- The pound rallies as political manoeuvring in Westminster reduces the risk of a no-deal Brexit
- Over two days, GBP rises 3% against the US dollar
- Manufacturing reports out of the US point to the first contraction in output for several years
- USD – weak across the board. Eurozone manufacturing data not much better
- The market not only expects rate cuts but in the case of the eurozone, receives further indication from the ECB that a cut is on the way
Sterling rallied against the dollar on Thursday, spurred on by the reduced likelihood of a no-deal Brexit. The price move was significant with the currency up 3.2% in the space of two days, two hours.
GBPUSD – Five-day price chart
The movement through the upper trend line ($1.2240) is almost a textbook break out. A burst through stop losses placed just above the trend line was followed by a period of consolidation, then a counter-move to the downside, which also clipped a range of bullish stop losses. The clear-out of stop losses in both directions will leave a lot of scalpers (both bulls and bears) wondering how they managed to make a loss on the trade. Those with wider stops may be celebrating riding at least part of the 3% price move.
Political malfunction spurs on the pound
The UK parliament risks falling into the category of those governing bodies that are best kept away from any serious business. During times of political stalemate in their own countries, the economies of Italy and Belgium have at times thrived. The argument goes that without the interference of politicians to contend with, business leaders can plan and build and bring about growth.

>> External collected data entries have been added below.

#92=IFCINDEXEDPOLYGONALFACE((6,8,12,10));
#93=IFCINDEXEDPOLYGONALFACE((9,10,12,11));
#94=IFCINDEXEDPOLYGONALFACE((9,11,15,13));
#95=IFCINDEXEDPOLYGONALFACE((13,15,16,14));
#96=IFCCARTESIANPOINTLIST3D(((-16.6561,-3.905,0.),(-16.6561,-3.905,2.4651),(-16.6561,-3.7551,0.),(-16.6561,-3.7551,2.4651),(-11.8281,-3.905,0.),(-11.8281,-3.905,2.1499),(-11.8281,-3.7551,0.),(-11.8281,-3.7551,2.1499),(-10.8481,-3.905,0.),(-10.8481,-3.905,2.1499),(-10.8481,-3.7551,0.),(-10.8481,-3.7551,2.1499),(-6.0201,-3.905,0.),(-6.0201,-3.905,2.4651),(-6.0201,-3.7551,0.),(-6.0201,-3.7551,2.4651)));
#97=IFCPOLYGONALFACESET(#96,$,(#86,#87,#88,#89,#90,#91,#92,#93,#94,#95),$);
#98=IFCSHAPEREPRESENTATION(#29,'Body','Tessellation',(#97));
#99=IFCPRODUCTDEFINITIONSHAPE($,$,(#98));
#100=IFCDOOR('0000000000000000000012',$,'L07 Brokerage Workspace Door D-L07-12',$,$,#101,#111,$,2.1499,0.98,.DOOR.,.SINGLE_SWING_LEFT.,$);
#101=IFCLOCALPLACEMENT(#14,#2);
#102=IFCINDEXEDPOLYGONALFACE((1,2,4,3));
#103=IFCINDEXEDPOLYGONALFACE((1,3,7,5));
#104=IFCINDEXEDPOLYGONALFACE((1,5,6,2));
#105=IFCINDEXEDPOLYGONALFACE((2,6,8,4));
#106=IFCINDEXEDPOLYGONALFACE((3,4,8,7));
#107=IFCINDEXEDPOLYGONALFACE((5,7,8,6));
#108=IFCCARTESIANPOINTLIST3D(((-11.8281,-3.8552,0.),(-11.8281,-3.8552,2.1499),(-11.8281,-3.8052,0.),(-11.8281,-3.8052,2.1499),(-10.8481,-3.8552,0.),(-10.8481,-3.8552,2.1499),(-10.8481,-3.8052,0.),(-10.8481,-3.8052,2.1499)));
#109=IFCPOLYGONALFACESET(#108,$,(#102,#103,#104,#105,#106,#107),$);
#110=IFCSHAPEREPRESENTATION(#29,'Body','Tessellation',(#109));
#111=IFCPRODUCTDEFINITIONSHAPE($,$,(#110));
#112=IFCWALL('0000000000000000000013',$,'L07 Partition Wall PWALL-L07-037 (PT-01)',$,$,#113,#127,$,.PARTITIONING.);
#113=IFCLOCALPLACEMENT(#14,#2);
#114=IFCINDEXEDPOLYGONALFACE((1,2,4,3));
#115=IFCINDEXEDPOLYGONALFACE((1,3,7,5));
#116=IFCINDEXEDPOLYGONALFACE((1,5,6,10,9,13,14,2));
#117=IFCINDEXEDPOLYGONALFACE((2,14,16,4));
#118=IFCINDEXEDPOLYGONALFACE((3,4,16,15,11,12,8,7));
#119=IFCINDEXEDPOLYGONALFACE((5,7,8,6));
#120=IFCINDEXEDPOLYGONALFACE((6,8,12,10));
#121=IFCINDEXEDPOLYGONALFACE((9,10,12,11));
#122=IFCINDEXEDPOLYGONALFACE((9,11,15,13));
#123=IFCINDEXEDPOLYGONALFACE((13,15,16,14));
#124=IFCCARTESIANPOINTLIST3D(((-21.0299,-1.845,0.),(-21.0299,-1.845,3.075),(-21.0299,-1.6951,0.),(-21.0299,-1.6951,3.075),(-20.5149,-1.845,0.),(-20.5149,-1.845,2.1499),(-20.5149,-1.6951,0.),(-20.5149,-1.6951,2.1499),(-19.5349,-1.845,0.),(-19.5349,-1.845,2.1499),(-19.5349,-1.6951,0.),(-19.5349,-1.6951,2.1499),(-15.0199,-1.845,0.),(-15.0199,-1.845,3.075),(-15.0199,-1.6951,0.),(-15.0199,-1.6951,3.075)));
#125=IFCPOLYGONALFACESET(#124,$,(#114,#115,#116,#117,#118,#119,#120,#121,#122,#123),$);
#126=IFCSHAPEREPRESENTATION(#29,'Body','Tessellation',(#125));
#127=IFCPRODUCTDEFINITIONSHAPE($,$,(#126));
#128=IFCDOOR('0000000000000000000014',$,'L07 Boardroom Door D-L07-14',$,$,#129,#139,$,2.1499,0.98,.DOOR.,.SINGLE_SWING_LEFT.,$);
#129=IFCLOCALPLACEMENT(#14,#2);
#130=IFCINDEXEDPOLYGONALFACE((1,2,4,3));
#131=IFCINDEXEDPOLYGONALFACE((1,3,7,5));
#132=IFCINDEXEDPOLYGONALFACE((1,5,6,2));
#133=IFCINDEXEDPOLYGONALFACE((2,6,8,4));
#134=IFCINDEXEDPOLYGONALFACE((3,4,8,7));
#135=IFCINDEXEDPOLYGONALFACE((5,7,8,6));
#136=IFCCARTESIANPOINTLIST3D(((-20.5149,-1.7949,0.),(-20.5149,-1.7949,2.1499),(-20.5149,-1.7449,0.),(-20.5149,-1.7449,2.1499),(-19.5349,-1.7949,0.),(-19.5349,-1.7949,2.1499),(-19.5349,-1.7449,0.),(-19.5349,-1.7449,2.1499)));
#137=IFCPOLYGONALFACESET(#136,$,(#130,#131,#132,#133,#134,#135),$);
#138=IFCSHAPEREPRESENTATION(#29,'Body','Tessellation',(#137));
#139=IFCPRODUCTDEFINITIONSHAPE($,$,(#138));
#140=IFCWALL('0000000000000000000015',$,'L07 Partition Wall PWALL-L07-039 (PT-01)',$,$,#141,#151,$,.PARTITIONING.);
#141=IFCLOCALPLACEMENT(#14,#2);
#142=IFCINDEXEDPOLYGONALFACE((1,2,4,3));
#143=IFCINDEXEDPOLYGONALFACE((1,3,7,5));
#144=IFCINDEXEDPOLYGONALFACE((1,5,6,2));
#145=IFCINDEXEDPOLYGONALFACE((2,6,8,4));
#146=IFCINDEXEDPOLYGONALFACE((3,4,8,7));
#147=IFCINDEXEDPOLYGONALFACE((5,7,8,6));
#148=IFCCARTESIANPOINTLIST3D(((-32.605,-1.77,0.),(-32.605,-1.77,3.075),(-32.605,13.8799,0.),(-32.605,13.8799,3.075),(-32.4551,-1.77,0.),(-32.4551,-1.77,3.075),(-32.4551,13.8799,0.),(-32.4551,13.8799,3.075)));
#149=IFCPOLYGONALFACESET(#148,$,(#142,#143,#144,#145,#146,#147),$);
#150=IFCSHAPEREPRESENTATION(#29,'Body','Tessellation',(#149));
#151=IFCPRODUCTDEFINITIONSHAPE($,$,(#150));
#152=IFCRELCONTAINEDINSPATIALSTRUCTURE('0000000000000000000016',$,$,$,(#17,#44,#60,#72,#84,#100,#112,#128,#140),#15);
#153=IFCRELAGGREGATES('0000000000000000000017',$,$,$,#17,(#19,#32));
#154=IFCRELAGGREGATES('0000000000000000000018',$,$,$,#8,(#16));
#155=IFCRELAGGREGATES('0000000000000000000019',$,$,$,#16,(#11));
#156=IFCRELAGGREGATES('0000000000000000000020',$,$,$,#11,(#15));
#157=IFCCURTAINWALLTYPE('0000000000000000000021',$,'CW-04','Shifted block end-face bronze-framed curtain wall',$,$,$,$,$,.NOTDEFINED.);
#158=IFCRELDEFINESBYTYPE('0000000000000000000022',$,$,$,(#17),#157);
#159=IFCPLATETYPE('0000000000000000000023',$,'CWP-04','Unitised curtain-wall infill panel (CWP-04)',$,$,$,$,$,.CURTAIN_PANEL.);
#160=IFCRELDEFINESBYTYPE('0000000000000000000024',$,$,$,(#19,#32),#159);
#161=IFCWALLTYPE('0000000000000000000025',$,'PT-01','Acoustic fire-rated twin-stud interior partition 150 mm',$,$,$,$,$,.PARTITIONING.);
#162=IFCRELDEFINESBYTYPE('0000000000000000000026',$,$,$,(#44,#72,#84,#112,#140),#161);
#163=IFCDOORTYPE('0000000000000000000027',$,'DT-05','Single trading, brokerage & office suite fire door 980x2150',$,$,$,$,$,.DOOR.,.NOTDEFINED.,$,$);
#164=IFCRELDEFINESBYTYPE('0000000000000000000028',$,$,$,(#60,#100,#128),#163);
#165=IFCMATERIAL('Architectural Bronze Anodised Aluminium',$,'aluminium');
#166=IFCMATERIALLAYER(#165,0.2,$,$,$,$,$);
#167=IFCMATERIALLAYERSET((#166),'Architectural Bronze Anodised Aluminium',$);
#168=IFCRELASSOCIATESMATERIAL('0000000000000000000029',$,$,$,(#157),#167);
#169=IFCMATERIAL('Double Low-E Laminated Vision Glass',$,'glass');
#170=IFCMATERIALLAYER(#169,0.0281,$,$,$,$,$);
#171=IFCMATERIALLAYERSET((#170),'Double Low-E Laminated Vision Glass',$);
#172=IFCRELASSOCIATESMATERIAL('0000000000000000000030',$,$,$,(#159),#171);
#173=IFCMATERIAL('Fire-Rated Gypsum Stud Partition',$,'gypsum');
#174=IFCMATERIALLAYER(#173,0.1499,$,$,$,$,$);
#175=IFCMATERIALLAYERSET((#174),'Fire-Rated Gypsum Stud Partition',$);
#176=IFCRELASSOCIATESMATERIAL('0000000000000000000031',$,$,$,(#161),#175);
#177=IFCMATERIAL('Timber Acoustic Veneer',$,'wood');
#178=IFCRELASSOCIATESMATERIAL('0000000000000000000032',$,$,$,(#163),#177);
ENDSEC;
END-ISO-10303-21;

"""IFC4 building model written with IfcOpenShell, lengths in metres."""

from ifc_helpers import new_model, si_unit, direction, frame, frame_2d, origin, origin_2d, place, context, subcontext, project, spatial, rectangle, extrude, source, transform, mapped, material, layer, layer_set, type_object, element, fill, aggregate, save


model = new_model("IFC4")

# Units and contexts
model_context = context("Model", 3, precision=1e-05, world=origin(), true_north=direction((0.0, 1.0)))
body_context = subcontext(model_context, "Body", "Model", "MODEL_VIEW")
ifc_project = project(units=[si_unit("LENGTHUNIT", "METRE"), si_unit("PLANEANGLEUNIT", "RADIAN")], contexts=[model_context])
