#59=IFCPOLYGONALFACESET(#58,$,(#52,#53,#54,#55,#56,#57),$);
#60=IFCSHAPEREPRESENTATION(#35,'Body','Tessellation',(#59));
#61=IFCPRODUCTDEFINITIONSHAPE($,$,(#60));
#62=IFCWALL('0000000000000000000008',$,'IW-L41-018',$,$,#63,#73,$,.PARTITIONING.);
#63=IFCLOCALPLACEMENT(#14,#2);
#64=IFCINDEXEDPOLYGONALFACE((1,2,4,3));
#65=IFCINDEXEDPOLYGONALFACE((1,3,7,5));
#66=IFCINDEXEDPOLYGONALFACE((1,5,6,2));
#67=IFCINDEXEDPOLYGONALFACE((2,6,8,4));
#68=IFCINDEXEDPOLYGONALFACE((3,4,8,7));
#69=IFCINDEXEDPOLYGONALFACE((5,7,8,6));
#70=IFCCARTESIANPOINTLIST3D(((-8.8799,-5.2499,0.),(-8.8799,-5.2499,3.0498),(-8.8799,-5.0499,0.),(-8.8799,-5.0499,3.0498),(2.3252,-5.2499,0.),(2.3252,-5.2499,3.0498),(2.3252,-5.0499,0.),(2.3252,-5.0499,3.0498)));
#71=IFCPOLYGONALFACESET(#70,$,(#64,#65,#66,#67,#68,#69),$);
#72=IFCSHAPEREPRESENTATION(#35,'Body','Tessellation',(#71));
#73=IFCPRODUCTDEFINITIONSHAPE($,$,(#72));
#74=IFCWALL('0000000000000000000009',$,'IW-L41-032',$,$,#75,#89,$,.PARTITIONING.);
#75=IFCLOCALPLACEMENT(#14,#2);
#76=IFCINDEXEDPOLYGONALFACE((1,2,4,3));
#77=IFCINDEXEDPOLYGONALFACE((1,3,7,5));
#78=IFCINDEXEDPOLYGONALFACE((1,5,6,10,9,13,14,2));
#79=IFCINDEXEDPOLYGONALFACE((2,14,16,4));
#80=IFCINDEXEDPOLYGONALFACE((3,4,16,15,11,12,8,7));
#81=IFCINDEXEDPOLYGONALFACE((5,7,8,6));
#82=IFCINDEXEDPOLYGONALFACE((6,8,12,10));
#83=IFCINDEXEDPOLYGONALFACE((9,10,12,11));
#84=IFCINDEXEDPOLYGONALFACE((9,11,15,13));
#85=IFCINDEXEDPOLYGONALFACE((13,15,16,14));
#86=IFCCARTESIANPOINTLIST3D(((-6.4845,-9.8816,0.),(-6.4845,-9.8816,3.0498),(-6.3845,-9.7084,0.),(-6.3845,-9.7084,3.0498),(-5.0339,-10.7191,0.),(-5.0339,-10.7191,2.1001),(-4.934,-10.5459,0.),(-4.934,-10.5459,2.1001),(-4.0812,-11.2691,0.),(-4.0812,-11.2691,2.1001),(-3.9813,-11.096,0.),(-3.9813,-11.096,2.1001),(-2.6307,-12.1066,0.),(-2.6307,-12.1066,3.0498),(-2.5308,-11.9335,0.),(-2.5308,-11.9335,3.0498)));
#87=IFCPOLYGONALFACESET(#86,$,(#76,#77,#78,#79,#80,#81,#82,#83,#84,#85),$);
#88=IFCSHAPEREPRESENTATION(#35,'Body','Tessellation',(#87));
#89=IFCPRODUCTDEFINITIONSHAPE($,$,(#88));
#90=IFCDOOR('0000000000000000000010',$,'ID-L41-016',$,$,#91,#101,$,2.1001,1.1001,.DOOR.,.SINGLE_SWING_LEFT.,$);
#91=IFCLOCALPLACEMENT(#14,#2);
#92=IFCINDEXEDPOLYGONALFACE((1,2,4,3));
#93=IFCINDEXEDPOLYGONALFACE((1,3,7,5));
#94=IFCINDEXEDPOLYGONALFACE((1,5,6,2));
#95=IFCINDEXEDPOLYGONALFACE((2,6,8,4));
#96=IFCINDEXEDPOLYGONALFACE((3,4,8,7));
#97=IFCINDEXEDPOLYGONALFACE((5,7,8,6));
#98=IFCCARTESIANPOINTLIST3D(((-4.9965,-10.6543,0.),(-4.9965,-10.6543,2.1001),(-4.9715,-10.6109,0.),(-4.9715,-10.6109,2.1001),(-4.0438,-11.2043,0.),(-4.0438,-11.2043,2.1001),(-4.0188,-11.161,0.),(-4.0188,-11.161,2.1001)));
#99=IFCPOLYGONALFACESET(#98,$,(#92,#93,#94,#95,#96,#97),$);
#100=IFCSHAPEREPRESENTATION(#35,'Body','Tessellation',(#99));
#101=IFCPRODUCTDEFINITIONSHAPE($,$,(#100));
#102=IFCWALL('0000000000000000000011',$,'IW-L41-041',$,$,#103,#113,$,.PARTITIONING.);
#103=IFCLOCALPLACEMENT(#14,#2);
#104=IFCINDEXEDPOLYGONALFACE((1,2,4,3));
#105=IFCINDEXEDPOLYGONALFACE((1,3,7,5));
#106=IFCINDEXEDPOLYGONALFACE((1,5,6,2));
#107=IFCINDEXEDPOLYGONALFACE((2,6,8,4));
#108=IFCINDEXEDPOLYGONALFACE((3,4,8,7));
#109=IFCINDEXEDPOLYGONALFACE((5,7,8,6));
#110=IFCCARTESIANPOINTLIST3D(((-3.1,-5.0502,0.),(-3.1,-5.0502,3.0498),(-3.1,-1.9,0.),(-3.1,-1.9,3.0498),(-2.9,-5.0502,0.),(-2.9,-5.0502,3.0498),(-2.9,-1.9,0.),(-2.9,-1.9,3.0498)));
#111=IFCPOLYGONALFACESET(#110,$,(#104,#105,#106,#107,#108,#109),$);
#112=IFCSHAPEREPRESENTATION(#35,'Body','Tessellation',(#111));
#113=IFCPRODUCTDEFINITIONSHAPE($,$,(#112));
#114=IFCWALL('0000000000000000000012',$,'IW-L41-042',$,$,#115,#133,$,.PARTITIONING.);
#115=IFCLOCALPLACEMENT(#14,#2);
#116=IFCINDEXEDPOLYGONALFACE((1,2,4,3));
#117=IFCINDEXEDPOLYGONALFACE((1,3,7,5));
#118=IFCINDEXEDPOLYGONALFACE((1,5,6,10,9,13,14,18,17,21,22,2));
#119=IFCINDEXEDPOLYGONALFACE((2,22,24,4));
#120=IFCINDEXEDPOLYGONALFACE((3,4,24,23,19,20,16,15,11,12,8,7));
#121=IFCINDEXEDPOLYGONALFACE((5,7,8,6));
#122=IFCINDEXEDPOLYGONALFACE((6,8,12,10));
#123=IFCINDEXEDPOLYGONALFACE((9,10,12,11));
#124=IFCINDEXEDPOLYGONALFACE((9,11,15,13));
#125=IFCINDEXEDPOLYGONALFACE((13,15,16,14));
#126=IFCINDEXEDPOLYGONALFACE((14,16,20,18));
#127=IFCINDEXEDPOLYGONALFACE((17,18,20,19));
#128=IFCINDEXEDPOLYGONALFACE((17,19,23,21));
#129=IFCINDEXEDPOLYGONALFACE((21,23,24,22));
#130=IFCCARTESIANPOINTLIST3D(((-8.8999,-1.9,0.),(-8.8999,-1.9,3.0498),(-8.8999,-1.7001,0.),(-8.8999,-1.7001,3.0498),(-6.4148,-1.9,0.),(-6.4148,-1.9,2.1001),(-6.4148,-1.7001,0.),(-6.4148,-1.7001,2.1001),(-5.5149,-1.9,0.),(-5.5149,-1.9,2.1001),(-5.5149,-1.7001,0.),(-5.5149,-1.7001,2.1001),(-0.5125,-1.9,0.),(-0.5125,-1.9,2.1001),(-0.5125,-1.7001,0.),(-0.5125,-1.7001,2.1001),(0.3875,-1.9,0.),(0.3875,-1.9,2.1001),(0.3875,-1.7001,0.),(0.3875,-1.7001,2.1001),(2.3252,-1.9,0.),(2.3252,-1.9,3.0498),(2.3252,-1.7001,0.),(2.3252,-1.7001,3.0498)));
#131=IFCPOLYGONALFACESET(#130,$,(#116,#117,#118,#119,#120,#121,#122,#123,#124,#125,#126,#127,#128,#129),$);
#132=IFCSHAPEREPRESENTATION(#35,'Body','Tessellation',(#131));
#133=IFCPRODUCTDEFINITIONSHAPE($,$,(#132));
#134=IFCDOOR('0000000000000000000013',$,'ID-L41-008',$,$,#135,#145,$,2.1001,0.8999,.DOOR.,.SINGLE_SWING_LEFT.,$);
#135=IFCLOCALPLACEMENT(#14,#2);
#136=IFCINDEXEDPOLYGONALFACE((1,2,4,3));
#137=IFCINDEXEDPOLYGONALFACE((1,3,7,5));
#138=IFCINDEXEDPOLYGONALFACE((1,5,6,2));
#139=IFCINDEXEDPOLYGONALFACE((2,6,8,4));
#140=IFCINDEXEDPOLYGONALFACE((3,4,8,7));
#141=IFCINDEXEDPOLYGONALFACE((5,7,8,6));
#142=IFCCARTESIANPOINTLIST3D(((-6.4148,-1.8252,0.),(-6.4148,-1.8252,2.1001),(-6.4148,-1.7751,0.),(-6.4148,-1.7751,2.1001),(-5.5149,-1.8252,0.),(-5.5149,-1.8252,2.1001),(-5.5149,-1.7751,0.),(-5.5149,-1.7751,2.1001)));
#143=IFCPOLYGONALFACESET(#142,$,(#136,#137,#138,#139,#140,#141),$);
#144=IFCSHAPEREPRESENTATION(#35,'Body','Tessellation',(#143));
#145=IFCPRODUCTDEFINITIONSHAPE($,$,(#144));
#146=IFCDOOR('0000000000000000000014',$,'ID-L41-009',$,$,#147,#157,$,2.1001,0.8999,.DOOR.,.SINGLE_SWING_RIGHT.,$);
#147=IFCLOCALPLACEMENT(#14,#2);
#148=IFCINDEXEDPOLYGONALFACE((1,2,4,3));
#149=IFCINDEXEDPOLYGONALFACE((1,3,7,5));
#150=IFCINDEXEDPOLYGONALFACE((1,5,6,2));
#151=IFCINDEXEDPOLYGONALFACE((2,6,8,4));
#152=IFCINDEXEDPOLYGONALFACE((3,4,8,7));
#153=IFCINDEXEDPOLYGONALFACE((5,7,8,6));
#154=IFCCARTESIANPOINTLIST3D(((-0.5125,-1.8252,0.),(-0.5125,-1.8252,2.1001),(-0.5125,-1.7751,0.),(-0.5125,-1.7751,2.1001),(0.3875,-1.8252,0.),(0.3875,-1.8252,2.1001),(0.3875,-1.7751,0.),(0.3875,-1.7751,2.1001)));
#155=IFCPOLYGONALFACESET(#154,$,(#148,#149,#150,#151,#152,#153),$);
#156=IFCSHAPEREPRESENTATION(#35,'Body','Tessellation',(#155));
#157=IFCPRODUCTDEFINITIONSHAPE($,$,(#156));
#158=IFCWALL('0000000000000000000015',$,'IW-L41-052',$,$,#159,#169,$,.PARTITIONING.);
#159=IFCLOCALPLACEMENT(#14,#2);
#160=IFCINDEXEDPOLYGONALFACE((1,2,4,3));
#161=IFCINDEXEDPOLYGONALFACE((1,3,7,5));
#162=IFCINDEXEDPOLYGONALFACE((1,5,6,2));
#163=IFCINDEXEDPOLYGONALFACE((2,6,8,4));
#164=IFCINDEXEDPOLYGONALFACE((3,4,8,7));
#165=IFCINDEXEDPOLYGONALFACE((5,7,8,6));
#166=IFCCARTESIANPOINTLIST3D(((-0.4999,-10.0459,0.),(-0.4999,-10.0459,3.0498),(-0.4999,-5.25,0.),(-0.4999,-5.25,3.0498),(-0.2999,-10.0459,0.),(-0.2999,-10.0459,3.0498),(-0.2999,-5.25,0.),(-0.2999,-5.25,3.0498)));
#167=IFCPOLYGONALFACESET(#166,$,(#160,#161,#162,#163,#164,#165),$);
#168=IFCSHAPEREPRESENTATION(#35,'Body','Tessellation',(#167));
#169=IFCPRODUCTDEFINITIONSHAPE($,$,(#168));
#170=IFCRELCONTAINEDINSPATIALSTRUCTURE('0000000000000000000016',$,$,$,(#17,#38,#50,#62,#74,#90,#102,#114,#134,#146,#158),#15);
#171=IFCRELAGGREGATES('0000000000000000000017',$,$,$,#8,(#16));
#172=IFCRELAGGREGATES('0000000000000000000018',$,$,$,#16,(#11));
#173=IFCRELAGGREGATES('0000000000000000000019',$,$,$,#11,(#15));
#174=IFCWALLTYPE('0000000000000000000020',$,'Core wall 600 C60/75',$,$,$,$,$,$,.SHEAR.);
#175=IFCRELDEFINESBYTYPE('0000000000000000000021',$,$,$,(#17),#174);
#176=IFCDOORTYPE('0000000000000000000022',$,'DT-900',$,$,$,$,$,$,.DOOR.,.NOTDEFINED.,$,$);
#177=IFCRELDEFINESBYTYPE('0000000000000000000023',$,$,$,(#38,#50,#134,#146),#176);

The rally in the pound was fuelled by the opposition parties in the House of Commons managing to gain control of the order book. On Wednesday, legislation was passed to reduce the chance of a no-deal Brexit. On the same day, the incumbent government found itself effectively unable to put through its policy to bring about a snap general election. The attempt was defeated, meaning the hung parliament remains firmly seated.
While there was a bang and a crash as the no-deal Brexit bill was passed through parliament, there appears little chance of any further clarity emanating from Westminster. None of the possible alternative pathways out of the malaise have stepped forward as a front runner. No particular party appears to be able to form an effective government. The move in cable is a reflection of the reduced chance of no-deal Brexit happening rather than the situation becoming any easier to read.
Thursday’s rise in cable signified a breakout to the upside as price broke through the downward trend line – first formed in March/May of 2019.
GBPUSD – year-to-date – break out
The chartists will note a double bottom price pattern and the ease with which price cut through the key resistance levels between 1.19 and 1.22. The daily technical (below) has swung to the buy side, with oscillators and moving averages both pointing to the blue side of the dial.
With price currently printing in the $1.235 area, there is more resistance ahead, but the GBP rise is helped by the dollar, which itself is simultaneously weakening. On Wednesday, USD fell against most of its major rivals (apart from JPY) as investors factored in the increased likelihood of a Fed rate cut following disappointing economic data out of the US.
The Institute for Supply Management reported the US manufacturing PMI (Purchasing Managers Index) declined to 49.1% in August – the lowest reading in more than three years. The number was not only lower than expected but symbolically broke a 35-month-long run of positive data points. Any PMI reading below 50% signals a contraction, and the August number was the first to post below 50% for almost three years.
The pound has rallied against the euro as well as USD:
The pound has broken the key support at 0.90 and recorded fresh two-month lows in the mid 0.8900 region.
The move is partly driven by the reduced chance of no-deal Brexit supporting the pound but also weakness in the eurozone putting downward pressure on the euro. A report from Reuters notes the data out of Germany doesn’t get any better:
“Germany’s export-dependent manufacturing sector remained in contraction in August, a survey showed on Monday, as weaker demand pushed companies to scale back production and cut jobs.”
Desperate times call for desperate measures and the European Central Bank’s future head, Christine Lagarde, signalled a highly accommodating policy is warranted. Lagarde said that the economy would need monetary support “for an extended period of time.” (Source: MarketWatch)
The trading floor analogy that ‘only monkeys pick bottoms’ can help keep traders honest but anyone who was brave enough to go long with sterling this week is looking to have made a good call.
The slide in EUR and USD is driven by underlying weakness in both economic areas and the downward pressure that this will apply on interest rates. German data reports out over the next few weeks are expected to confirm that the country is in a recession.
The rise in sterling comes from the parliament in the UK spewing out what could be its last meaningful policy decision for some time. The government there is now so weak that even if the EU wanted to negotiate terms with it, there would be little chance of finding someone to do it with. In addition, the UK parliament is due to be shut down next week as parties take a break for ‘conference season’.
It appears the outlook for the global economy is that things are going to get worse before they get better.